Questo tema è in discussione da anni nell’Ue. All’inizio del 2020, Scholz ha proposto un’aliquota dello 0,2 per cento sull’acquisto delle azioni delle grandi società. L’obiettivo è finanziare l’aumento della pensione minima di base in Germania, che entrerà in vigore nel 2021 per 1,4 milioni di destinatari con una spesa stimata di almeno 1,3 miliardi di euro. L’imposta europea sulle transazioni finanziarie dovrebbe garantire alla Germania entrate per 1,5 miliardi di euro all’anno. Tuttavia, l’Austria e altri Stati membri respingono il progetto di Scholz.

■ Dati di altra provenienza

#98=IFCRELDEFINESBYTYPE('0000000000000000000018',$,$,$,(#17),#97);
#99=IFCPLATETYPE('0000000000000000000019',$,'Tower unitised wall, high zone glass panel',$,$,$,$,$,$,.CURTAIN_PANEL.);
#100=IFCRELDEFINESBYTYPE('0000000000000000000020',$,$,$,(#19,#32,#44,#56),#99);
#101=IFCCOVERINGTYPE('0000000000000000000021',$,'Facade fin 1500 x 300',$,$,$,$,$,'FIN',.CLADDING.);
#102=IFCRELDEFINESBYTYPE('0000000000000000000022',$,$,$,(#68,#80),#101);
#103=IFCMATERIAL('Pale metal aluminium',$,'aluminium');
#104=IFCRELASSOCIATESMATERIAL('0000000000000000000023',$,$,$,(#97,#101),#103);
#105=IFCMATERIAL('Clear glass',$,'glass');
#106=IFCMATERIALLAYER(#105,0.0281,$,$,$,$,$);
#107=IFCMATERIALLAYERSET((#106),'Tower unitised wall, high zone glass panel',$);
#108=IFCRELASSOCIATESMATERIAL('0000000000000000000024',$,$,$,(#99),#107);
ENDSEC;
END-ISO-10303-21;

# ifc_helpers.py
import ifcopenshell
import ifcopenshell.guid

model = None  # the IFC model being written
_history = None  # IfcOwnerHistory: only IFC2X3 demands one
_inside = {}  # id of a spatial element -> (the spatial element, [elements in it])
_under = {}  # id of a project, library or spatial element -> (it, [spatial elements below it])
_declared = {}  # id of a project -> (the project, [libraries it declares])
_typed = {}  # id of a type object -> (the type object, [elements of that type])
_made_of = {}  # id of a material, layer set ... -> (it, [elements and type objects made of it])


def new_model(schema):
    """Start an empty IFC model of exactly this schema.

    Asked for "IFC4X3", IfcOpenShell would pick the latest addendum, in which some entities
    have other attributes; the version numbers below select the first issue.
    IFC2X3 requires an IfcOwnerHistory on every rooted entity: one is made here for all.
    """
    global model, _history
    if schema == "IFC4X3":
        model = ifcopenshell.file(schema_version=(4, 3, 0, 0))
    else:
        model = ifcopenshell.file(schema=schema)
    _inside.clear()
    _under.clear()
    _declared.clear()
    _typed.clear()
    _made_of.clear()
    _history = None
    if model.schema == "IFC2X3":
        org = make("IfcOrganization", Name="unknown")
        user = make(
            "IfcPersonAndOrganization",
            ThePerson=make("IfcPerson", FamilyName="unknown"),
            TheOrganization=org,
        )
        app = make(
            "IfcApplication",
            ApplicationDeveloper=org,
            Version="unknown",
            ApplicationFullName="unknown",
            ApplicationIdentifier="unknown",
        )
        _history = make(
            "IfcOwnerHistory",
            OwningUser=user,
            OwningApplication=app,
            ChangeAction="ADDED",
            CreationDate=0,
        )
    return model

Nella lettera a Gentiloni, datata al 6 aprile scorso, il ministro delle Finanze tedesco fa riferimento a "notevoli progressi" nella questione. E afferma: "Speriamo di essere in grado di concludere un accordo nel prossimo futuro". Tuttavia, nota Scholz, per concludere con successo i negoziati, dobbiamo includere una clausola transitoria nel testo. Tale previsione ha lo scopo di consentire ai Paesi Ue di mantenere, per il momento, le rispettive soluzioni nazionali fintantoché riscuotono "un’imposta sulla negoziazione di strumenti finanziari". Un adeguamento delle norme degli Stati membri non sarebbe tuttavia necessario per il momento. "Altrimenti il modello uniforme di un’imposta sulle transazioni finanziarie sarebbe morto".
Secondo Scholz, la clausola transitoria sarebbe, quindi, un primo passo verso il necessario grado di armonizzazione necessario a un’imposta europea sulle operazioni finanziarie. Ma che cos’è questa tassa? Quella di cui si parla è una tassa sulle transazioni finanziarie sul mercato azionario, dei futures e su qualsiasi mercato finanziario al quale prendono parte operatori attivi. La proposta tedesca ha sollevato numerose critiche sull’esiguità del gettito atteso e sulla base imponibile: assoggettare a imposizione solo gli acquisti di titoli azionari (escludendo, ad esempio, i derivati e altri titoli non assimilabili alle azioni ordinarie) farebbe poi venire meno la funzione dell’imposta, quale freno a operazioni eccessivamente speculative.
L’iniziativa tedesca, come abbiamo scritto, non è di oggi. Già a inizio anno Scholz aveva lanciato una prima proposta. I Paesi di tutta Europa sperimentano approcci individuali per regolamentare mercati finanziari e i soggetti che vi operano, percepiti come una minaccia per l’autorità statale e per l’economia reale piuttosto che come strumenti capaci di veicolare, raccogliere e indirizzare investimenti e fondi necessari a sostenere la modernizzazione delle economie.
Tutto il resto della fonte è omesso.